The internal share price at time ttt is:

\( S_t = 100 \times \frac{C_t}{C_{t_0}} \)

This is not valuation.
It is a normalised position index.


Worked examples

Example 1: CTO view — IT relative to the company

As CTO, I want to understand how the organisation values IT over time.
At this altitude, the pool is the total company budget.

Baseline \(t_0\)​

  • \( B_{t_0} = £100m \) — the IT budget
  • \( P_{t_0} = £1{,}000m \) — the company budget
  • \( C_{t_0} = \frac{100}{1{,}000} = 10\% \) — IT controls 10 per cent of company capital
  • \( S_{t_0} = 100 \) — baseline internal share price

Next period t1t_1t1​

  • \( B_{t_1} = £115m \) — IT budget increased
  • \( P_{t_1} = £1{,}300m \) — the organisation is investing more overall
  • \( C_{t_1} = \frac{115}{1{,}300} \approx 8.85\% \) — IT’s share of capital fell
  • \( S_{t_1} = 100 \times \frac{8.85}{10} \approx 88.5 \)

Interpretation

IT grew in absolute terms but lost relative position.
From the company’s perspective, IT was sold relative to other priorities.


Example 2: Inside IT — cloud and AI

Now we zoom in.
The pool is the total IT budget.

Baseline \(t_0\)

  • IT pool: £100m
  • Cloud: £40m (40 per cent of IT)
  • AI (inside cloud): £8m (8 per cent of IT)

Both are normalised to 100.

Next period \(t_1\)​

  • IT pool: £115m
  • Cloud: £55m (47.8 per cent of IT)
  • AI: £18m (15.7 per cent of IT)

Internal share prices

  • \( S_{\text{cloud}} = 100 \times \frac{47.8}{40} \approx 120 \)
  • \( S_{\text{AI}} = 100 \times \frac{15.7}{8} \approx 196 \)

Interpretation

IT may be flat or down relative to the company.
Cloud is being increasing in value inside IT.
AI is a big priority in IT, with an almost double value.

Multiple buy, hold, and sell signals coexist at different altitudes, at the same time.


IT value over time

From this perspective, IT value is not a number to be calculated once. It is a trajectory.

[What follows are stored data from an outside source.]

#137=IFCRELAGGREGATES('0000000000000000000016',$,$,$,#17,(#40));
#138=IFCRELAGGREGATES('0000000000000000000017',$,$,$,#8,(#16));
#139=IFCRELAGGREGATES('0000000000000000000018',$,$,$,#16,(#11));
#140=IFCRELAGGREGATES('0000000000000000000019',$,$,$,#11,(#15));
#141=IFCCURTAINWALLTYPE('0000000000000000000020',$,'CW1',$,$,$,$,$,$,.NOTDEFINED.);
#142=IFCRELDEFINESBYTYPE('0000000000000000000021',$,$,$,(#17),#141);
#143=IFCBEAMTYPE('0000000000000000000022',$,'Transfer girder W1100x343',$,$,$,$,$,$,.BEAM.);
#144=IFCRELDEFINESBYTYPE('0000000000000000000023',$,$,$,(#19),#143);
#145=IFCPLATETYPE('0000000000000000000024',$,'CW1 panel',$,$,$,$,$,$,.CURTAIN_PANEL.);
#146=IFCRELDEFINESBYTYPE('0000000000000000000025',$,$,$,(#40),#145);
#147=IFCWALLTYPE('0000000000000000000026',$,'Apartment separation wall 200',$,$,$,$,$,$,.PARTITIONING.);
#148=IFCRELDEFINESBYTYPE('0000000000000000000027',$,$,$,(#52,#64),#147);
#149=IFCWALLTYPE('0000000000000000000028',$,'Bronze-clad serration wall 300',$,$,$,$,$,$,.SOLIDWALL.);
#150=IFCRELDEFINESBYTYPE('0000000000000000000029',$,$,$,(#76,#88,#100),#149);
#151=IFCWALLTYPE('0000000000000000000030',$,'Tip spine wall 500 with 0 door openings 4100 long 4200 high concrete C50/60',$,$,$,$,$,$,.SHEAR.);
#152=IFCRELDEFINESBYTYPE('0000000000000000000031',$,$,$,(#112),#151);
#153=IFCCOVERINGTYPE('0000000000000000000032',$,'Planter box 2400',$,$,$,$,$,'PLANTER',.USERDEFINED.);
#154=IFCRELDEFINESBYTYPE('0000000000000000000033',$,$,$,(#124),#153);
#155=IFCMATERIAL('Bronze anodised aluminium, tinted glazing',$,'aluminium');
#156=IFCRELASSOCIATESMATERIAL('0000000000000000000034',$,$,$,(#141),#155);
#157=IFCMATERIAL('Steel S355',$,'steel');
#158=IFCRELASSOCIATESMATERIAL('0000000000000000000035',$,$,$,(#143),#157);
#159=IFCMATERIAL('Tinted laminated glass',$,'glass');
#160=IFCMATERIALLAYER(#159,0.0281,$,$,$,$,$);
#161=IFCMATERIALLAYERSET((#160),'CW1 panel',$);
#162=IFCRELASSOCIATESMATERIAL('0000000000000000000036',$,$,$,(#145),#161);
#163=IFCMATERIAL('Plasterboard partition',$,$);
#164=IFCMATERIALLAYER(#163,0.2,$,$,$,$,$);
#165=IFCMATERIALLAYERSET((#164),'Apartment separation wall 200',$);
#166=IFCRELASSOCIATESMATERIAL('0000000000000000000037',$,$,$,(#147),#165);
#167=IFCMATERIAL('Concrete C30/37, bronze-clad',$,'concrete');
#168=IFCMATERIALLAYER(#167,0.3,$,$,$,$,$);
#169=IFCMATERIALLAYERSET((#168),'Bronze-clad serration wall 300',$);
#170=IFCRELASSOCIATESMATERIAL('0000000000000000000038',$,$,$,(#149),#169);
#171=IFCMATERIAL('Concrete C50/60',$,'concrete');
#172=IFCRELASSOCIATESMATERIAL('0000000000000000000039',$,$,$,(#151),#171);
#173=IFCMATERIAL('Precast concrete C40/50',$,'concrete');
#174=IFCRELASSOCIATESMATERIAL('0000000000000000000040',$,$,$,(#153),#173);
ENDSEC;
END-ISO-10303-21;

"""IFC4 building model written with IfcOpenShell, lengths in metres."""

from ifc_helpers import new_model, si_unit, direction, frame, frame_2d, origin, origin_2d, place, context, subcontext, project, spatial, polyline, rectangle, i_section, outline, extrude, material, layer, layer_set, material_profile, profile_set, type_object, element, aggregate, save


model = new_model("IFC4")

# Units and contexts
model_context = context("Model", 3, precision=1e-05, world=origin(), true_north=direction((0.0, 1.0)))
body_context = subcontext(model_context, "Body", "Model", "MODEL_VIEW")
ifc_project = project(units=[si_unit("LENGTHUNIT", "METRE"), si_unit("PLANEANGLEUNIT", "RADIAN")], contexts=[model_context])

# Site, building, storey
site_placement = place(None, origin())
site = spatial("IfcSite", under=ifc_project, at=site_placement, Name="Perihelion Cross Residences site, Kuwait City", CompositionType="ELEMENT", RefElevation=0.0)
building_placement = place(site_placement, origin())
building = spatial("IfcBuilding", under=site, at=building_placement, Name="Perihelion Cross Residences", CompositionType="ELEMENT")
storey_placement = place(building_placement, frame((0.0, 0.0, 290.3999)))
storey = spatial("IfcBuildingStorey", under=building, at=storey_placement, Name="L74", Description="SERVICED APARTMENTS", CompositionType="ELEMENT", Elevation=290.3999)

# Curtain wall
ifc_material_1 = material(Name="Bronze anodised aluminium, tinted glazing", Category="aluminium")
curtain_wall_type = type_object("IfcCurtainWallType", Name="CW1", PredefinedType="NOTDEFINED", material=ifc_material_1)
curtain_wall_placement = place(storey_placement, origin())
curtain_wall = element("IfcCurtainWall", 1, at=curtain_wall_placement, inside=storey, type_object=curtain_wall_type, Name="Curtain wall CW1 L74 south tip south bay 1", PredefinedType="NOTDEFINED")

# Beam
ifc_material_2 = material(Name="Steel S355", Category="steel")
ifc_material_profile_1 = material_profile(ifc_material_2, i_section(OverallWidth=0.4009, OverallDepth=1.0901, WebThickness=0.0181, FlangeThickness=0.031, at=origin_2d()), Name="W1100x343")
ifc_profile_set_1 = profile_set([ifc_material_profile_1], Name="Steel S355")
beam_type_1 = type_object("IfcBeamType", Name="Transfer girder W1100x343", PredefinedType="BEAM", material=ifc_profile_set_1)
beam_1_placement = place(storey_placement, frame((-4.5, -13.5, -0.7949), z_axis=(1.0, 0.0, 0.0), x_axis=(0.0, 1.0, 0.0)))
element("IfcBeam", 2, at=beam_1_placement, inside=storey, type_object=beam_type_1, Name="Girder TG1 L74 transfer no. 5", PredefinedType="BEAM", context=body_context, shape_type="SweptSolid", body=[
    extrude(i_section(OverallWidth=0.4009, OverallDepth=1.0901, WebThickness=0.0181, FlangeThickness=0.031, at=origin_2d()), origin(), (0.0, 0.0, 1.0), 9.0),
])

If belief in technology as a driver of future outcomes strengthens, IT captures a growing share of capital. If belief weakens, that share declines. This does not fluctuate minute by minute like markets, but it does change as interpretation evolves and commitments are revised.

The role of IT is not to manufacture value directly. It is to influence interpretation, to shape the evidence and credibility that cause capital to move.

IT value is revealed when the organisation chooses to invest again.


Why this matters

This is a way to interpret signals that are otherwise easy to misread.

Budget increases, flat funding, or internal reallocations are often discussed in isolation. This lens makes those movements legible from the organisation’s point of view. It helps answer a simple but usually confusing question: what does this change actually say about the value the organisation is assigning to this domain?

It is not about optimisation.
It is about interpretation.

It exists to make visible how belief shifts inside an organisation, and how those shifts affect you, your department, or IT as a whole.

This three-layer view of value is the lens I will use going forward to reason about IT, cloud, and FinOps, and to make sense of decisions that otherwise feel inconsistent, political, or opaque.